Он воссоздал в крупном масштабе этот хуторок в Норфолке и штате Коннектикут. Как-то летом отец снял дом по соседству с ним. Профессор любил детей, и я часами гуляла с ним по полям, слушая рассказы о его родине. Его любимым занятием было разведение рогатого скота, и однажды, когда мы стояли у изгороди, наблюдая за стадом, он сказал:
— Посмотри на этих животных и запомни, что величайшие ученые мира не могут объяснить, как трава превращается в молоко.
Этой же ночью я сочинила для него стихи:
«Удивительна гусеница, что превращает листья в шелк,
Но еще удивительнее корова, превращающая в молоко траву,
Ни один профессор не может взять в толк,
Как это происходит и почему».
Когда мне исполнилось одиннадцать лет, здоровье матери резко ухудшилось и врачи рекомендовали ей жить в сельской местности, вдали от всех нас. Моего брата отдали в пансион, а меня в монастырь. После четырехлетнего пребывания в монастыре меня взяли оттуда для того, чтобы я помогала отцу, который после замужества моих сводных сестер остался один. Годы беспокойства о здоровье матери и забот о пятерых детях настолько сказались на нем, что не осталось ничего от того общительного, веселого и восторженного человека, о котором часто вспоминала в письмах сестра.
После беззаботной и тихой жизни в монастыре я попала в дом, где обстановка оказалась весьма напряженной. Мне было очень трудно поддерживать своими неопытными руками твердо установленный в доме порядок, особенно в условиях, когда и сама нисколько не могла интересовать человека таких знаний и способностей, каким был мой отец. Он еще мог бы жить в мире со мной, если бы любил меня. К несчастью, он так и не смог меня полюбить и не скрывал своего недовольства мною. Отец был человеком горячего темперамента и, как я скоро убедилась, необъективным, раздражительным и эгоцентричным. Он тиранил меня, и я его очень боялась. Презирая обыкновенных людей, он не разрешал никому из моих приятелей приходить в наш дом. Со своими друзьями он встречался лишь в университетском клубе, но никогда не приглашал их домой. Когда вечерами он возвращался со службы и звенел ключами у дверей, мое сердце начинало взволнованно биться. Войдя, он кричал:
— Бифштекс к обеду! — и если вместо бифштекса ему подавалось что-нибудь другое, то, поднимаясь по лестнице, он вопил, что я умышленно стараюсь уморить его голодом. Он считал меня виновной во всех проступках прислуги, язвительно разглядывал меня, когда мы сидели за обеденным столом, и саркастически насмехался надо мной, если я бывала не здорова.

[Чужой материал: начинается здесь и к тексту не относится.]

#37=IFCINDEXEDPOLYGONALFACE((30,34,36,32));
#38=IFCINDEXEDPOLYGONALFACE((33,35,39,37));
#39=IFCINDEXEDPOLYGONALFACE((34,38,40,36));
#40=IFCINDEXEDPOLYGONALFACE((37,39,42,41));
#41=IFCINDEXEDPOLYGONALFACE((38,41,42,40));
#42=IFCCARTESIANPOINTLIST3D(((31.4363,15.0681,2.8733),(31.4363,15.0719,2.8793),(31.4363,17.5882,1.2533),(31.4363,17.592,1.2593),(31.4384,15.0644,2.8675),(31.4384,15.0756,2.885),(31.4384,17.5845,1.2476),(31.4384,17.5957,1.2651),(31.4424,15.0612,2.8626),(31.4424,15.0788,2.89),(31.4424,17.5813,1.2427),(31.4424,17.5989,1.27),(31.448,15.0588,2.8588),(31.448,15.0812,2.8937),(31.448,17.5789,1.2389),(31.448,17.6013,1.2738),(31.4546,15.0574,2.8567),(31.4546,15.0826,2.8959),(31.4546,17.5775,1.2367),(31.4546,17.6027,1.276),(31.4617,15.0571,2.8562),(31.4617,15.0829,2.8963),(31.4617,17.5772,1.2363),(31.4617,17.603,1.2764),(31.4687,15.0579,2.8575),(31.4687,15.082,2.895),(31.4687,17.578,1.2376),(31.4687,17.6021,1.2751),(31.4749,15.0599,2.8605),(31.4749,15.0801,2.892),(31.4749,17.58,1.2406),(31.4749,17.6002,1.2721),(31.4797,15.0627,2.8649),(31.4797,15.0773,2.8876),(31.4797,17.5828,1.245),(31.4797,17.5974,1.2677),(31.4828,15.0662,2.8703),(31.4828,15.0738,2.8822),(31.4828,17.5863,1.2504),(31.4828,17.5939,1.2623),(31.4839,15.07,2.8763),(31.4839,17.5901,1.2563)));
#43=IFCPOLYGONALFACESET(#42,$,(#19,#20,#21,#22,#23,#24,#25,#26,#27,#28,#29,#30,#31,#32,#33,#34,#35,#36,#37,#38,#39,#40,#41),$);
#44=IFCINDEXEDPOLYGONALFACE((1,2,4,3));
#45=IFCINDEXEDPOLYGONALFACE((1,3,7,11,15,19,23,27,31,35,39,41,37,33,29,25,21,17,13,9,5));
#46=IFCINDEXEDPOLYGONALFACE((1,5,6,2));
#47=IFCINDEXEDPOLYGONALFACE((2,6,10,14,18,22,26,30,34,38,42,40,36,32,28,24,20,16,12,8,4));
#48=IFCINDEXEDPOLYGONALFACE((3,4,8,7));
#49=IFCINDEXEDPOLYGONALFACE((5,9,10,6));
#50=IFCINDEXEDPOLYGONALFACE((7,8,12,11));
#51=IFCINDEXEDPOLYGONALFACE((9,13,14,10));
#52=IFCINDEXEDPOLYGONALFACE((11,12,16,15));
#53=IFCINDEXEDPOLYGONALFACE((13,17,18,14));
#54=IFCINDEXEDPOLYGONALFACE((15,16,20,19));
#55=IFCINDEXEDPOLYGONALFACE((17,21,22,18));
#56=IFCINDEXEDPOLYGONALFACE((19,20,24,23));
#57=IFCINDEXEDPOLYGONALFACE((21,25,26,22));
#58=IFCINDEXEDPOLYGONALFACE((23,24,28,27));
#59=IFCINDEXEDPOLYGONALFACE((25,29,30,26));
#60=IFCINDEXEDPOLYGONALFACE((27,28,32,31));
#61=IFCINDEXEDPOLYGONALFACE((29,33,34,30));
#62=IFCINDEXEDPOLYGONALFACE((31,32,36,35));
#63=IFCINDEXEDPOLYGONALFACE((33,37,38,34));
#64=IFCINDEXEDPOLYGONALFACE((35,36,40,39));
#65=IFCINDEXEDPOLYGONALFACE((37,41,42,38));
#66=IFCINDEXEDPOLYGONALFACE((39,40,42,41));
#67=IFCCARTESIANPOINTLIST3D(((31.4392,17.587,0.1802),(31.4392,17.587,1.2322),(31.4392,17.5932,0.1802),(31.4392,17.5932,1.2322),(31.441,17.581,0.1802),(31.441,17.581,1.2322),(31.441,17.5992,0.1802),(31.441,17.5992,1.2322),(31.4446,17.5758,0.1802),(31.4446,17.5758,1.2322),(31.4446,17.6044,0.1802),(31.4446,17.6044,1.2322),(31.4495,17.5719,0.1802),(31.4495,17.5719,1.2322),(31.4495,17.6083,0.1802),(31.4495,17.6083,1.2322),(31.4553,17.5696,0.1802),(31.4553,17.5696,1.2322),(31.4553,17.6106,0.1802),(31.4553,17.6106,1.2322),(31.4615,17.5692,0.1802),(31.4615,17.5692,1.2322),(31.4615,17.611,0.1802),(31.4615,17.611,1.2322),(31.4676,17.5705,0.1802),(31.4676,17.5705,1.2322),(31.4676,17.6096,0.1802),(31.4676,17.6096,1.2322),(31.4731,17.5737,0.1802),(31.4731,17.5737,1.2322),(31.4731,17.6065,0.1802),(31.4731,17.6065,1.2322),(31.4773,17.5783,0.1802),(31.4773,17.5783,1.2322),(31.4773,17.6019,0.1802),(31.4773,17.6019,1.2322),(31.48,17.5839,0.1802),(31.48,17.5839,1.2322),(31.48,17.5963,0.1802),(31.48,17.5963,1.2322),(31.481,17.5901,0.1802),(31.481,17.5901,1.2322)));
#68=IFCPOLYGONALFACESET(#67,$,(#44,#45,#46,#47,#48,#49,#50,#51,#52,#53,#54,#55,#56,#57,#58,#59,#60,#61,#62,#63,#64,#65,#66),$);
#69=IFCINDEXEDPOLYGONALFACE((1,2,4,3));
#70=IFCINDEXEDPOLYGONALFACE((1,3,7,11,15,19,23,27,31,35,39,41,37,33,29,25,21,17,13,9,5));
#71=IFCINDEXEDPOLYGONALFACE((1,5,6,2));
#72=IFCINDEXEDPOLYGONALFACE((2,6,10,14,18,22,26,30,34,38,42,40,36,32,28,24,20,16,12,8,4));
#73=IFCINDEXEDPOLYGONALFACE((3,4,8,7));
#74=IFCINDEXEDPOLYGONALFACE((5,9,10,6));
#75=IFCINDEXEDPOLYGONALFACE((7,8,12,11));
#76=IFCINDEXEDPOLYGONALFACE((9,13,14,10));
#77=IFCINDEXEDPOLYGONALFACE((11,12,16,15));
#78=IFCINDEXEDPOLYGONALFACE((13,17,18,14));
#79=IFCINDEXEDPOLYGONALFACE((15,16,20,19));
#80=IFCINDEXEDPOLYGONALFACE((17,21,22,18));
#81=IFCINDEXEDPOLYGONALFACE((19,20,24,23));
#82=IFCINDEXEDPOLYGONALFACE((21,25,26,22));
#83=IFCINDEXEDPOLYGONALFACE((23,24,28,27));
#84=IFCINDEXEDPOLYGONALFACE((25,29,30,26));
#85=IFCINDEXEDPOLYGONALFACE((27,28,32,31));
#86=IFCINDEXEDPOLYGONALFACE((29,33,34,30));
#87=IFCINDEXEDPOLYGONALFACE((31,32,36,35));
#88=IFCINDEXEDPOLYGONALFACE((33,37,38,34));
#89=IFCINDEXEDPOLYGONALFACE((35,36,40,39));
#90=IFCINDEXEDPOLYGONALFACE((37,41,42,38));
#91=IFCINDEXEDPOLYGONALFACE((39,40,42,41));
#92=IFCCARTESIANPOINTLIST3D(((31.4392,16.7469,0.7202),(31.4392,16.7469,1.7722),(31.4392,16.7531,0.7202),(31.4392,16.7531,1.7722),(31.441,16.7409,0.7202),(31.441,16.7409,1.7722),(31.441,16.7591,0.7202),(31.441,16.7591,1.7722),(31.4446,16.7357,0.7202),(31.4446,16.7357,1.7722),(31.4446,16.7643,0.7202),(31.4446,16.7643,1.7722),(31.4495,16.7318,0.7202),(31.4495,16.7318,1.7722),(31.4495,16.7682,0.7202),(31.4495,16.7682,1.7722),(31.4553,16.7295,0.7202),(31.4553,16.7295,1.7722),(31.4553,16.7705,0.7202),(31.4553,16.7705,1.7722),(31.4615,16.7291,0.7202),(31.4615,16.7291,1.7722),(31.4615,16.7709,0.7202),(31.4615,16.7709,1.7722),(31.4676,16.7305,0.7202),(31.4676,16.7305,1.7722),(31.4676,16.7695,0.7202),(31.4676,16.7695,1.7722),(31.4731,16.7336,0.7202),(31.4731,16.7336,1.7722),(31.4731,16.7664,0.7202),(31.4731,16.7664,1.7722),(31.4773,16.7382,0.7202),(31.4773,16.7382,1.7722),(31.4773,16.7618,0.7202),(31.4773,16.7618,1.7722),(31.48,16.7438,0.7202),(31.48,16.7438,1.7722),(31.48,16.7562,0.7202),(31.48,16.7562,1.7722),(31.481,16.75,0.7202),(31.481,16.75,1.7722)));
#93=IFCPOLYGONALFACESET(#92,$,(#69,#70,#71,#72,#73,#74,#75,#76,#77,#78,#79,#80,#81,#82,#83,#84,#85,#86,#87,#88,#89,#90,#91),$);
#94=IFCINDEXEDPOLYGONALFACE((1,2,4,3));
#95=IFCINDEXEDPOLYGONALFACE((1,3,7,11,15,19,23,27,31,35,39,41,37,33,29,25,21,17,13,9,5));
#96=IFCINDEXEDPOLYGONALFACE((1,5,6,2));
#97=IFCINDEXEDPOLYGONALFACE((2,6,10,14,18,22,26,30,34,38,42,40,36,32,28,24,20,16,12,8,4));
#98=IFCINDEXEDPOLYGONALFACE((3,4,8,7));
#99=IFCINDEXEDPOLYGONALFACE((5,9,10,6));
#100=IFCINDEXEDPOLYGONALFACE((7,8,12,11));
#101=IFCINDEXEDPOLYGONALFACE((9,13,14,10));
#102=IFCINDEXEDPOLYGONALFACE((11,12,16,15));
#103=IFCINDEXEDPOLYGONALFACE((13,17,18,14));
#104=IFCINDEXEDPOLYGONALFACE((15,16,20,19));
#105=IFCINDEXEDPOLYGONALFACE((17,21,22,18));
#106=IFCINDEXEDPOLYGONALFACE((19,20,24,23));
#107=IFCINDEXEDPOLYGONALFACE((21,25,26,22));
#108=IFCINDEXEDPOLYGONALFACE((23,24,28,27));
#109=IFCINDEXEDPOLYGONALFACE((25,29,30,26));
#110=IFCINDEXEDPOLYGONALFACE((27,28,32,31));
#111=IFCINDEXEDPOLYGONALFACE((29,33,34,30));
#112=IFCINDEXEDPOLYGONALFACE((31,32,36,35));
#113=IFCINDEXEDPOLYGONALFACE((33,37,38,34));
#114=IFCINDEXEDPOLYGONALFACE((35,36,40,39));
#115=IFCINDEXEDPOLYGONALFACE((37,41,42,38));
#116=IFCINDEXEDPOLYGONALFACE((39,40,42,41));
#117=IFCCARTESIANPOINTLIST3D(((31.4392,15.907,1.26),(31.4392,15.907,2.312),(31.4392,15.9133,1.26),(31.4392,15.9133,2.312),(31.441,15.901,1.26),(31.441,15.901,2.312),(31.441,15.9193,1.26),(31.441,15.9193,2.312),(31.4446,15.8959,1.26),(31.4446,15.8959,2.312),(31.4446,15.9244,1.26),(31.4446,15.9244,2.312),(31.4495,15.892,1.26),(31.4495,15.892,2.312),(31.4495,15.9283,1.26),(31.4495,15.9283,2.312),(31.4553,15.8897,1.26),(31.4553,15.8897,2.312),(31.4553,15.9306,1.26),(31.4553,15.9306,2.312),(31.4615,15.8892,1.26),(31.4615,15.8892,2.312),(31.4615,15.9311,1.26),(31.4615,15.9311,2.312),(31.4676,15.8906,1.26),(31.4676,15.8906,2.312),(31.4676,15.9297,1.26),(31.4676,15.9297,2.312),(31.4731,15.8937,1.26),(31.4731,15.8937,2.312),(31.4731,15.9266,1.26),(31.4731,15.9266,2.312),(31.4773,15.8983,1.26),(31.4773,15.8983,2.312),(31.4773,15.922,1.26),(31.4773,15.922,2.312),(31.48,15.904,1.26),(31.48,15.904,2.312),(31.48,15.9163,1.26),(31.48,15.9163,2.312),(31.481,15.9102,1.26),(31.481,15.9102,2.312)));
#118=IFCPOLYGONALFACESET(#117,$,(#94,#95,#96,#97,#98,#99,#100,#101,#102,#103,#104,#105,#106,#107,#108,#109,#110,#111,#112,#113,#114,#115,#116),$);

Так как ему не было никакого дела до меня, он позволял мне иметь более чем скромный гардероб и на все мои просьбы отвечал так нелюбезно, что я никогда ничего не просила у него, кроме самого необходимого.
Каждый вечер мне приходилось сидеть с ним в библиотеке Я была слишком напугана, чтобы говорить с ним, а с другой стороны, не должна была молчать, чтобы не вызвать новою взрыва ярости. Через год он оказался уже не в состоянии выносить одинокого присутствия моей дрожащей особы и пригласил переехать к нам мисс Б. — гувернантку моей кузины.
Мисс Б. была тридцатилетней итальянкой с неплохим голосом. Хотя отец говорил, что она должна стать моей компаньонкой, я скоро поняла, что в ее задачу входило развлекать отца. Oн все больше привязывался к ней. Так как они любили музыку, а я, по мнению отца, ее не любила, он часто бывал с мисс Б. на концертах и в опере. Я слышала только одну оперу — «Лоэнгрин» - и не была ни на одном концерте. У меня не было денег, чтобы купить билет, а отец отказывал в моих робких просьбах Однажды вечером он в течение двух часов восхищенно рас сказывал о спектакле «Кармен» в «Метрополитен». На следующий день я взяла у него в кабинете серебряную фигурку, изображавшую ветряную мельницу, и, продав ее за доллар, купила билет на стоячее место на ближайший дневной спектакль «Кармен», где впервые увидела Карузо. Но я была так напугана своим поступком, что не смогла получить должного впечатления.
Мисс Б. развлекала отца, умиротворяла его и даже иногда спорила с ним. Он любил ее, и она его не боялась. Постепенно она заинтересовала его Италией, своей семьей и друзьями, пригласила кое-кого из них на обед, и отец довольно мило разговаривал с ними. Никто не обращал на меня никакого внимания, хотя я сидела на месте матери, и я чувствовала себя очень глупо, понимая, что никому не нужна.
Мы уже жили так в течение шести лет, когда однажды мисс Б. сказала:
— Я собираюсь пойти на крестины. Мои друзья просили меня достать где-нибудь ложки. Вы не одолжите мне свои?